Ленин крякнул, покрутил головой. Однако! Но он был доволен, что все обернулось так. Он, как всегда, недооценил свою жену. Надька Минога осталась далеко в прошлом. Он решил не мешать дамской беседе и воротился наверх, к Зиновьеву. Вскоре пришел Лева, и они сели играть уже втроем. На сей раз Ленин продулся вчистую и честно заплатил по счету — фальшивыми франками. Он терпеть не мог, чтоб его били по носу.

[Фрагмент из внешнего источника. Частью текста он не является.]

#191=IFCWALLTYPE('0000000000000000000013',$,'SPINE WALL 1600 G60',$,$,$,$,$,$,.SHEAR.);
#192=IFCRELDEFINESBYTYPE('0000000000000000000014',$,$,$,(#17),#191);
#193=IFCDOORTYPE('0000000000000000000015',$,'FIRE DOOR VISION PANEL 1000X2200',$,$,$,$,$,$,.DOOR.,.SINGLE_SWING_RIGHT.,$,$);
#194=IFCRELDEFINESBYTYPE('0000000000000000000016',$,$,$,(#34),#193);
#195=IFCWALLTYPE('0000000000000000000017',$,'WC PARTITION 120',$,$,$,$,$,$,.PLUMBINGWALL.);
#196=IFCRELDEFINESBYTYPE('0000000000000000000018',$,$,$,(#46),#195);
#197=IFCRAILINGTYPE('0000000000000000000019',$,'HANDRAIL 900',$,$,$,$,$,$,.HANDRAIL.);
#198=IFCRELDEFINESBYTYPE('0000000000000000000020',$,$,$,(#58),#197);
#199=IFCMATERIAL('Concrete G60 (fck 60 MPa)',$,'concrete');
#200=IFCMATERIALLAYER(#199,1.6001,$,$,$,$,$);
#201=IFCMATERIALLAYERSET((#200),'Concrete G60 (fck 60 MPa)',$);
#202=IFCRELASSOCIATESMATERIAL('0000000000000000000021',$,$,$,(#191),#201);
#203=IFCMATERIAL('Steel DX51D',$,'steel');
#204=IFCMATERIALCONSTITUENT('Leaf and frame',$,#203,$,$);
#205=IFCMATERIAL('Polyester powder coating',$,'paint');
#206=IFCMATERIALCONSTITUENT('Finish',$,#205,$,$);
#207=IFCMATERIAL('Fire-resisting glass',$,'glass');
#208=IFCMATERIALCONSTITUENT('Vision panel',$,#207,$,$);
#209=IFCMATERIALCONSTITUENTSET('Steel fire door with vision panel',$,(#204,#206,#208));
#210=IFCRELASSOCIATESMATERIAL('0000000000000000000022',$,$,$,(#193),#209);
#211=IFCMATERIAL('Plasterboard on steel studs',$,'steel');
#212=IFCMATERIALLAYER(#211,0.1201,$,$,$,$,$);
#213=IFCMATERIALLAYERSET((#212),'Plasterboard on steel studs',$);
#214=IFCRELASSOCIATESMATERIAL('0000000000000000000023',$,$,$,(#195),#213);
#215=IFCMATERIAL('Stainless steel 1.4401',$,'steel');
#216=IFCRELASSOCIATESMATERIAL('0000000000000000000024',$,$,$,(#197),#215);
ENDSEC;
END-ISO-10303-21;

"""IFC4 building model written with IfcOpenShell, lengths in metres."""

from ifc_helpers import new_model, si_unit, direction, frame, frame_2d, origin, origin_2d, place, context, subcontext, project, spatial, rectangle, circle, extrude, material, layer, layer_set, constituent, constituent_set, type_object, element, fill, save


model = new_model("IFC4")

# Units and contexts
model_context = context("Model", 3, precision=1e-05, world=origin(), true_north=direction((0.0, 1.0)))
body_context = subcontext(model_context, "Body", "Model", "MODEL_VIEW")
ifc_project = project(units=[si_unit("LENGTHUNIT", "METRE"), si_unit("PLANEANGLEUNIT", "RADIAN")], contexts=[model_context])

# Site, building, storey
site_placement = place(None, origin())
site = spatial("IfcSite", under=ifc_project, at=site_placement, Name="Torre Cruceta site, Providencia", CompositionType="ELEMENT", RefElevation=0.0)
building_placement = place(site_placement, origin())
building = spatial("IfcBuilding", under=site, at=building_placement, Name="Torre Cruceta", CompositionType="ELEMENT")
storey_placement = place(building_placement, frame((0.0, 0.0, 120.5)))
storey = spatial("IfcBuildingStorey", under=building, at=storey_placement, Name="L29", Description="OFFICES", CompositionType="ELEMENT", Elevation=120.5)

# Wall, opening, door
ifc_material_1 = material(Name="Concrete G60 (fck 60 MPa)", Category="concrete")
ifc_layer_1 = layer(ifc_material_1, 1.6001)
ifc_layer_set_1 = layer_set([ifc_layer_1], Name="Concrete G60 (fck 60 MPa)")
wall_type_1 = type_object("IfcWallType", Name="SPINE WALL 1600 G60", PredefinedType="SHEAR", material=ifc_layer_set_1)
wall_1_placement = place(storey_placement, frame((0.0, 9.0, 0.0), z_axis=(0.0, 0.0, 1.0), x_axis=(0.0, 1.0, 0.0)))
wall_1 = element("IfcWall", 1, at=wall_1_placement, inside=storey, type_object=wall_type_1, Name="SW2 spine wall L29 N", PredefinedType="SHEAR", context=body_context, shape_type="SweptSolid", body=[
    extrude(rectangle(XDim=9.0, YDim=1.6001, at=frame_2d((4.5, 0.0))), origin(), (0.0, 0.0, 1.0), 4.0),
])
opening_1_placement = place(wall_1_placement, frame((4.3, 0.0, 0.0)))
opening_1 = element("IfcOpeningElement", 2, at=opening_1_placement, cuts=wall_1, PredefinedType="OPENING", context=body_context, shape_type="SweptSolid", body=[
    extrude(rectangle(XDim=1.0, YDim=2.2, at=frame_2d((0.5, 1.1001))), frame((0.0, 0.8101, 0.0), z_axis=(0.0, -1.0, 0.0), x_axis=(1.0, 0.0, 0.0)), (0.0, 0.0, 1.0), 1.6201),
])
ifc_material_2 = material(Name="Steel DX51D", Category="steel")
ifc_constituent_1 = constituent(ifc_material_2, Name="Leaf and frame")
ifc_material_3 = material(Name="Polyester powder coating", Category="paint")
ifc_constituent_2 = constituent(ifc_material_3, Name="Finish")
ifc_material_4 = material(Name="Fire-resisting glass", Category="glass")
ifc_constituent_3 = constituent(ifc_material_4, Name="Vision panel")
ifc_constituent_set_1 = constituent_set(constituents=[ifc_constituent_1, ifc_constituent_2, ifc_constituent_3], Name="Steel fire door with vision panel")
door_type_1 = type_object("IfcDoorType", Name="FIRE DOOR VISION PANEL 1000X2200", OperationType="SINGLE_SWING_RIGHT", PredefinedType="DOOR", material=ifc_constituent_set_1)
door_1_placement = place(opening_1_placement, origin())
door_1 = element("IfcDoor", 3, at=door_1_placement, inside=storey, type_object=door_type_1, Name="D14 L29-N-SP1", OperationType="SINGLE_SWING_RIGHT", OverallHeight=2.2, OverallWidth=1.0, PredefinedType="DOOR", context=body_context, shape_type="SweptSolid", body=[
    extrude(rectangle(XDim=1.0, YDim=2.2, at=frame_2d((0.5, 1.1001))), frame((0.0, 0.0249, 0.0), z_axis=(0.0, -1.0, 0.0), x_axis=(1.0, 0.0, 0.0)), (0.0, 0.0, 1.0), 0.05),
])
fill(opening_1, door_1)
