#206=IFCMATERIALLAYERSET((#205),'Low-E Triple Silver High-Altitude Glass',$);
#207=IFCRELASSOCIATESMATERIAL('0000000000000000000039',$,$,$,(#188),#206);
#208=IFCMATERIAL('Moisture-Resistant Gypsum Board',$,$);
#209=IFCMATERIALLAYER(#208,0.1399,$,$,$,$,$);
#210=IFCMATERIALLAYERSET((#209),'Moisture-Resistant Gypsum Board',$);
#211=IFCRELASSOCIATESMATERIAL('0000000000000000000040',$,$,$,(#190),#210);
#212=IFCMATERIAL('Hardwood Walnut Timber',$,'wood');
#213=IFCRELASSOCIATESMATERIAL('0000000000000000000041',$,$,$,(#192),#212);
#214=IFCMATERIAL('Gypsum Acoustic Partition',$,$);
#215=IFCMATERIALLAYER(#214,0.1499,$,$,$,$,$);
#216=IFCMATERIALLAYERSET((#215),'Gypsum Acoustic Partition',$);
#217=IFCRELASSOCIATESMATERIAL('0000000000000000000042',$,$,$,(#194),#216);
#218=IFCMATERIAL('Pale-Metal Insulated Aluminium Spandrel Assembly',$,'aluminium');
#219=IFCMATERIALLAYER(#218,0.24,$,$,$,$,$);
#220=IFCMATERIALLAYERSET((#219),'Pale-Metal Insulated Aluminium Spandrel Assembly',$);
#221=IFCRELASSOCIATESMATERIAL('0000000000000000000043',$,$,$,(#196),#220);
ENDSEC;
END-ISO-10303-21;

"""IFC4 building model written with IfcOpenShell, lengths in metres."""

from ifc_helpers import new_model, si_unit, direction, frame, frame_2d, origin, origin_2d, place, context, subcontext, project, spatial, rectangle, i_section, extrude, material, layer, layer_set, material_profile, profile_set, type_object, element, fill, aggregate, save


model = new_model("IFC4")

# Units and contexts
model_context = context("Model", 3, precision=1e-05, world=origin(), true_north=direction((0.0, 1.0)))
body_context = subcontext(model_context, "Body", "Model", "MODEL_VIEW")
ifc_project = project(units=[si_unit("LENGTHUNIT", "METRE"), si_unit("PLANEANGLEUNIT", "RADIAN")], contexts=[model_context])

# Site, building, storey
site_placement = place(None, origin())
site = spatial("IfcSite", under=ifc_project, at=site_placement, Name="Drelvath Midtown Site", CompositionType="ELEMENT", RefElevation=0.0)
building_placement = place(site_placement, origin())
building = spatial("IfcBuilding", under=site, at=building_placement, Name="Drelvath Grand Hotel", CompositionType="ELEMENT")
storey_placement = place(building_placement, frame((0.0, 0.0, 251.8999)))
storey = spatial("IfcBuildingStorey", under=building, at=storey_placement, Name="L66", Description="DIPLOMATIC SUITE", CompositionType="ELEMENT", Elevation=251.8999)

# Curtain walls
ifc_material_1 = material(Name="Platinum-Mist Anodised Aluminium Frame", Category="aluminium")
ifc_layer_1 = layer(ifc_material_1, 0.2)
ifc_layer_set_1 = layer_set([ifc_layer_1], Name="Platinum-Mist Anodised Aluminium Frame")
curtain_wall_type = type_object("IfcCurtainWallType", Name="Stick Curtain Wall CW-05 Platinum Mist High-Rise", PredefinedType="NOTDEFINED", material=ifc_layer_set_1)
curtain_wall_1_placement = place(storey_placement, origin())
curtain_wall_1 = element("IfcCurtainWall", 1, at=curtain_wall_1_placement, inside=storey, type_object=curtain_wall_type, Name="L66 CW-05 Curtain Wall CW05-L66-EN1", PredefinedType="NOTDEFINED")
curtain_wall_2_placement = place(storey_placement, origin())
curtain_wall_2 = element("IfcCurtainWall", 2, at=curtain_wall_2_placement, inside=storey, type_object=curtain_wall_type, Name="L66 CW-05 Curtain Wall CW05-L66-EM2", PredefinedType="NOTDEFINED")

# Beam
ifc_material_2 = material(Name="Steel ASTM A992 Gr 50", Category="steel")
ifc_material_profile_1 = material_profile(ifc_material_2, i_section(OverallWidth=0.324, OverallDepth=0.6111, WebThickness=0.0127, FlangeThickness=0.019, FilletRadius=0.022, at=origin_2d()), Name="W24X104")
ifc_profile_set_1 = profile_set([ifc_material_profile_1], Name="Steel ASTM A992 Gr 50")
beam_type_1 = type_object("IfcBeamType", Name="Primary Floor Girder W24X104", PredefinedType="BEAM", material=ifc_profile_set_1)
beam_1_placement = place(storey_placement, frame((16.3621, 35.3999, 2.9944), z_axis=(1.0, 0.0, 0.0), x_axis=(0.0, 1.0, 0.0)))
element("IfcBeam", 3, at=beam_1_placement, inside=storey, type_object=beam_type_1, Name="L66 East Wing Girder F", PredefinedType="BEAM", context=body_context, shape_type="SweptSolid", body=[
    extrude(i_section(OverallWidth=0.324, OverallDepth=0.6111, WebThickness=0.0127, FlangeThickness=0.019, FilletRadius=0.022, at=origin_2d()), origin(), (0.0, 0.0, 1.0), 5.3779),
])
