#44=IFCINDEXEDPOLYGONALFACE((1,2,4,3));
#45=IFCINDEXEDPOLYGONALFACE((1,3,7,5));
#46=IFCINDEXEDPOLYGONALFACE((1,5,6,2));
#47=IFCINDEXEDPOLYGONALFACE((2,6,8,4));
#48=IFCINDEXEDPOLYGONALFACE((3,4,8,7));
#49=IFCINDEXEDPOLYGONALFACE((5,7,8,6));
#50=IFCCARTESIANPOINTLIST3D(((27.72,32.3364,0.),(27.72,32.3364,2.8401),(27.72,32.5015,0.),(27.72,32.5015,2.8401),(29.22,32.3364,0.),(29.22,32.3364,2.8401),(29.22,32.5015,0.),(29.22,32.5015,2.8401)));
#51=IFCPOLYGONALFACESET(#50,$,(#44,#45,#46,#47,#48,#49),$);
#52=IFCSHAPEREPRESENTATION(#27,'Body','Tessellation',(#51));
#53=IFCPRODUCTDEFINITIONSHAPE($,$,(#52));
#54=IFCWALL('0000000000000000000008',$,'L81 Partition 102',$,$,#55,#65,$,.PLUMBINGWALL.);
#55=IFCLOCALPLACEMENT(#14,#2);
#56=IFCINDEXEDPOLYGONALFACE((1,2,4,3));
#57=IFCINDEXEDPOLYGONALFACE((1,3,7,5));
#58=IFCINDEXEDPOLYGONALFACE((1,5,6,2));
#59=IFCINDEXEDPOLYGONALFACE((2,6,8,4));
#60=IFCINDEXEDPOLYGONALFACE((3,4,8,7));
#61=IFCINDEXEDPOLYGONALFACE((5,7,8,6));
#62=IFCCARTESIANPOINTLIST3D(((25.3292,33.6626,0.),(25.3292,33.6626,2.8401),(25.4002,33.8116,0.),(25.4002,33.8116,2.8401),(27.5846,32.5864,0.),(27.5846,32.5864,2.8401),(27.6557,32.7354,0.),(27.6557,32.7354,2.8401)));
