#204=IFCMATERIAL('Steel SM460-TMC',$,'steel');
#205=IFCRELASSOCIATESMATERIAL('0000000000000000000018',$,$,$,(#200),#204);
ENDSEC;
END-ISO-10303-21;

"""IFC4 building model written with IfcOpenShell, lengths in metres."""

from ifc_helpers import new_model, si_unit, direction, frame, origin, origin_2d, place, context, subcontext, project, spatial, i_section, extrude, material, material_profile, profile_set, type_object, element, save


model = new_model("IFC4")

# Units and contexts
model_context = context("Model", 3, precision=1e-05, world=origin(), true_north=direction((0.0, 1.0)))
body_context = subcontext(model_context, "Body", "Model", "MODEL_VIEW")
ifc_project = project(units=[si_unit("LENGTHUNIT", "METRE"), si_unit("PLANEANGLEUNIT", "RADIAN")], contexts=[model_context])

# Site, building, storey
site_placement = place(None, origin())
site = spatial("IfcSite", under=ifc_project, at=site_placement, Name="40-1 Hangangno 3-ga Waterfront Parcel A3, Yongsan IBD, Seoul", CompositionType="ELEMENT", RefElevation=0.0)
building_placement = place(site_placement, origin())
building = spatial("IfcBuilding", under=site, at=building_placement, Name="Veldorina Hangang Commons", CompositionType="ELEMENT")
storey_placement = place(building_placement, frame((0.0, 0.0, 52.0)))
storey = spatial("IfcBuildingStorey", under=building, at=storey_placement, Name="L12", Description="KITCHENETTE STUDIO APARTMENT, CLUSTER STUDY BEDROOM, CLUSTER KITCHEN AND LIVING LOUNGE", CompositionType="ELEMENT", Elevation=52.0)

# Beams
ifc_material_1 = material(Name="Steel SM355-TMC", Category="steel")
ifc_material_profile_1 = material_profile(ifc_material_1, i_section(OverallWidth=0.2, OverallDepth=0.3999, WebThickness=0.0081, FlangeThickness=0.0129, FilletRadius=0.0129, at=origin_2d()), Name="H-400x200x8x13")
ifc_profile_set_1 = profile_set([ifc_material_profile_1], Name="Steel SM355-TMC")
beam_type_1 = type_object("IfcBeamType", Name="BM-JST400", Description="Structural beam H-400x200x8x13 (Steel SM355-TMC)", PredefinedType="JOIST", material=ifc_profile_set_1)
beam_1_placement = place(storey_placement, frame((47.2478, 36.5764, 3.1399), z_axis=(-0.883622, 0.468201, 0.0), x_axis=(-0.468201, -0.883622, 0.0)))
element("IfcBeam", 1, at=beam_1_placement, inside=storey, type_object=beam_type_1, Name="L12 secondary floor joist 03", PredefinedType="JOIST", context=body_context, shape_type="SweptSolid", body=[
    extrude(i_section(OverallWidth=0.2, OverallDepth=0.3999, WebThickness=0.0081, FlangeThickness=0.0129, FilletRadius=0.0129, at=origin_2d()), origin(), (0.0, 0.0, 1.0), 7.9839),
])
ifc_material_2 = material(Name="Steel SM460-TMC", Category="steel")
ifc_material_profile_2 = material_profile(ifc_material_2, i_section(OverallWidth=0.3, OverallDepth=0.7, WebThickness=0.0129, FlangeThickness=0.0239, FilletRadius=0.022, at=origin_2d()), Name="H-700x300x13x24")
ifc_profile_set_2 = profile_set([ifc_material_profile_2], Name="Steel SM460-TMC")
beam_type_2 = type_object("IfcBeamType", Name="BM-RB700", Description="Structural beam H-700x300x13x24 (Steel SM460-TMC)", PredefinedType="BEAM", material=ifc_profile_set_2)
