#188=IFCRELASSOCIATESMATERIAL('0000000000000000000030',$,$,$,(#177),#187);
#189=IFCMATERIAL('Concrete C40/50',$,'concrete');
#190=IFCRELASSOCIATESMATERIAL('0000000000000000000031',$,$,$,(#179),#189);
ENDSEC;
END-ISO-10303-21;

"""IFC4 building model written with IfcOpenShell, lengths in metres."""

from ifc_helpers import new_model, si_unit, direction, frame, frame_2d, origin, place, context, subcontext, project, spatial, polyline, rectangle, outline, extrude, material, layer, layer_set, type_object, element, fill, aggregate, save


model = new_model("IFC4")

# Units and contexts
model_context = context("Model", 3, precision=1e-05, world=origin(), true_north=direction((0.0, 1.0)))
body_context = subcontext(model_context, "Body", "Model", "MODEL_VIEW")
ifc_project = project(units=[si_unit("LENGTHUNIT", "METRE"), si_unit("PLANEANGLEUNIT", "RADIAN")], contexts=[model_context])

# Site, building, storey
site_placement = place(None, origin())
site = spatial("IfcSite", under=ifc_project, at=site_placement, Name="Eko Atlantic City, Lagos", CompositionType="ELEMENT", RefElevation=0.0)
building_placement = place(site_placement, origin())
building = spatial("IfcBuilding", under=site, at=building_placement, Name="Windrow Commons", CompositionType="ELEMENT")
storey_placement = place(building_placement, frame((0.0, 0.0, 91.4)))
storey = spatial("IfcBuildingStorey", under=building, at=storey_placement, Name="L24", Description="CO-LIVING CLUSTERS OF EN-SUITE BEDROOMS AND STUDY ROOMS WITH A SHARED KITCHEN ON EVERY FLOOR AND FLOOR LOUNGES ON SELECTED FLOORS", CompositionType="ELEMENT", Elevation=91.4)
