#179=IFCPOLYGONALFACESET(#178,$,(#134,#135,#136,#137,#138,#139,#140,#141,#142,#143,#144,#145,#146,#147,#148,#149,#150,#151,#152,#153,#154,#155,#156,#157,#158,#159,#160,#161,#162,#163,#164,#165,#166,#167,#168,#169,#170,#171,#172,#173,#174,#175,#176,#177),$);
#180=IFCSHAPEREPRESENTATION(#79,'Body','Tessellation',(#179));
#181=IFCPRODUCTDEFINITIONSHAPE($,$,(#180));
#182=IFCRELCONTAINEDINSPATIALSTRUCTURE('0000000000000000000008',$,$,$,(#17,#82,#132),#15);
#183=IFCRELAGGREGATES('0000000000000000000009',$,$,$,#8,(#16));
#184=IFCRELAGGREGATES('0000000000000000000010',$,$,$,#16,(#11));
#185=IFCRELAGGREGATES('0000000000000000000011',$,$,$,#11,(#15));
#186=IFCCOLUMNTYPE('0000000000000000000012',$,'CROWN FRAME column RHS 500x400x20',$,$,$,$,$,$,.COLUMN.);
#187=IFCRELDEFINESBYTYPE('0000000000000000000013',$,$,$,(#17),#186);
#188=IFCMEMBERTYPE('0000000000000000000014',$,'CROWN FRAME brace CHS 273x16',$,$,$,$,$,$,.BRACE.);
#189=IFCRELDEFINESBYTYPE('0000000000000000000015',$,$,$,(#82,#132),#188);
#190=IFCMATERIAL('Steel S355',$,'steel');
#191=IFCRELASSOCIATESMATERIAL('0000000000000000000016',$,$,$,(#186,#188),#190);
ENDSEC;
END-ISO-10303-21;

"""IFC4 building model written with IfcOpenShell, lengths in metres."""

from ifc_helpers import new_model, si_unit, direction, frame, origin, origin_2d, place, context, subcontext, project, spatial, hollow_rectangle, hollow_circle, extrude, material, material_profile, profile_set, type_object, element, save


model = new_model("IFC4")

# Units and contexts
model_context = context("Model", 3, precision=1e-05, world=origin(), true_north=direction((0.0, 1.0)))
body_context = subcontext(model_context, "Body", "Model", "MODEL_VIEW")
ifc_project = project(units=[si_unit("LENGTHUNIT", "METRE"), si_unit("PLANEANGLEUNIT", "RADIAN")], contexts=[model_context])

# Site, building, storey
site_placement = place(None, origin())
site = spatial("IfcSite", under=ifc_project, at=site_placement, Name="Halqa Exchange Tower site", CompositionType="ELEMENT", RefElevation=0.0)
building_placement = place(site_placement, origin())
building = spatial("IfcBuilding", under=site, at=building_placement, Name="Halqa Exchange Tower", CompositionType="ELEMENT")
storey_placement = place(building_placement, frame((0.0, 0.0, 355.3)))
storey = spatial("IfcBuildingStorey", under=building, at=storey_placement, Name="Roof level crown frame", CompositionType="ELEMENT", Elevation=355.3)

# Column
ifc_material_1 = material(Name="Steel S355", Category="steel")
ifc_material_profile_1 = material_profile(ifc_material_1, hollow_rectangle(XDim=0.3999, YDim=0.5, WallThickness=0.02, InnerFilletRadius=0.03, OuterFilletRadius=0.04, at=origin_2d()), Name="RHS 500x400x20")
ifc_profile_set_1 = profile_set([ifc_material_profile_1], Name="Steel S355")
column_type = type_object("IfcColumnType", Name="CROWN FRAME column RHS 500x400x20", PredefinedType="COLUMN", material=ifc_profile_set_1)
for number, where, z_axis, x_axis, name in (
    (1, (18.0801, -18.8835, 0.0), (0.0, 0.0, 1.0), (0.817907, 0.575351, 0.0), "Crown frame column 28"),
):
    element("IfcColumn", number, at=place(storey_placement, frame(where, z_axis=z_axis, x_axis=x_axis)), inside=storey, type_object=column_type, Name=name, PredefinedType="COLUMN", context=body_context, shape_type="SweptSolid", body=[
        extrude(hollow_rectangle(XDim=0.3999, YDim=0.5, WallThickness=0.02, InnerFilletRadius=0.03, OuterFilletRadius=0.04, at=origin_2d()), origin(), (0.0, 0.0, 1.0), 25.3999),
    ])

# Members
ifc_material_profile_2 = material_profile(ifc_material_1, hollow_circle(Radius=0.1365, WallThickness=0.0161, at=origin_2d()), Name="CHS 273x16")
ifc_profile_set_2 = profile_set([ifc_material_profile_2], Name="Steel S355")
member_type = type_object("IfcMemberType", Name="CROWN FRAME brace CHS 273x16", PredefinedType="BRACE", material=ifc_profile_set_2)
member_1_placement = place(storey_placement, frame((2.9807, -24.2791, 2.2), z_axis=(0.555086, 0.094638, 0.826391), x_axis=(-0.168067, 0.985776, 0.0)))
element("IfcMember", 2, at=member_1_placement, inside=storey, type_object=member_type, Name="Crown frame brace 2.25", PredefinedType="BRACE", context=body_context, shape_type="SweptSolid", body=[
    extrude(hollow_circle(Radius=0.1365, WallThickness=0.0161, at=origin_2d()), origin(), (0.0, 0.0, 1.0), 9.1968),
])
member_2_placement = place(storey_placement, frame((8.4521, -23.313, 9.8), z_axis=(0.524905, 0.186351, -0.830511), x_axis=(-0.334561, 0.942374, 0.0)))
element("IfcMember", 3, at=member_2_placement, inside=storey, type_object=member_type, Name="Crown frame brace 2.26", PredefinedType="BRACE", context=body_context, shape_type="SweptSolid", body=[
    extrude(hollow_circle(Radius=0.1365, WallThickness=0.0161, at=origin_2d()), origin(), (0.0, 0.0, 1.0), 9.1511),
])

— Надя, ты не починишь мне рубашку? — спросил он на следующее утро, всем своим видом демонстрируя готовность к примирению.
— Починю. — Она скупо улыбнулась. В глазах ее он с радостью увидел прежнее доброе выражение. — Ты знаешь, Ильич... Я познакомилась с твоей Инессой.
— Да?
— Она очень милая и производит впечатление порядочной женщины. Никогда и не подумаешь, что француженка. Я совсем не так ее себе представляла.
— Я рад, что она тебе понравилась.
— Вот и прекрасно, — спокойно ответила Крупская. — Давай разведемся. Ты женишься на ней. Нельзя так компрометировать ее. Это неблагородно с твоей стороны, Ильич.
— Надя, опять ты за свое! — Он снова подумал, что у жены, наверное, есть любовник. Иначе б она так легко не примирилась с Инессой. Он сдержал себя и проговорил так кротко, как только мог: — Давай, дружок, немного подождем... Ты прости меня, если я тебя обидел.
— Бог простит... — машинально отозвалась она и, вдруг оживляясь, сказала: — Ильич, вообрази: Анатолий Васильевич в своей лекции говорил, что мы должны построить нового Бога взамен старого...
— Богостроитель хренов! — Ленин фыркнул насмешливо и сердито. Ему начали не нравиться эти постоянные ссылки на авторитет Анатолия Васильевича. И он вспомнил глупую сплетню Зиновьева...
«Нет, не может быть! Балда Луначарский, этот расфранченный светский хлыщ, этот изнеженный декаденток, пьеро с зеленой гвоздичкой в петлице, дешевый стихоплет, — и моя клуша! Да я скорей уж поверю, что Лева Каменев по пьяни с ней переспал: всем известно, как они друг к дружке расположены... Вдобавок Луначарский, помнится, женат на богатой купчихе, и у них шестеро детей... Бред, бред! А насчет Боженьки я с ним еще потолкую. Это все сумасшедший Богданов его сбивает с панталыку. Вот тоже фрукт! Философская сволочь! Воображает себя вампиром... Все они тут от безделья с ума посходили».
— Ильич, когда же мы поженимся? Надя сказала мне, что она не только не против развода, но даже сама предлагает тебе это. Ах, она такая чудная, прекрасная женщина! Сразу видно светскую даму.
— Видишь ли, дорогая...
Ленин обожал Инессу; он изменял ей с другими женщинами не чаще раза в месяц и, изменяя, думал о ней же. Но жениться на ком бы то ни было ему хотелось еще менее, нежели разводиться с Крупской. Дети? Он, пожалуй, хотел детей; но у Инессы их и так уже было пятеро — придется всю эту ораву содержать... Нет, нет. Его вполне устраивало существующее положение вещей. Он притянул Инессу к себе и шепнул, целуя ее в розовое ушко:
— Куда торопиться? Разве тебе плохо со мной? Зачем этот буржуазный брак с его буржуазными...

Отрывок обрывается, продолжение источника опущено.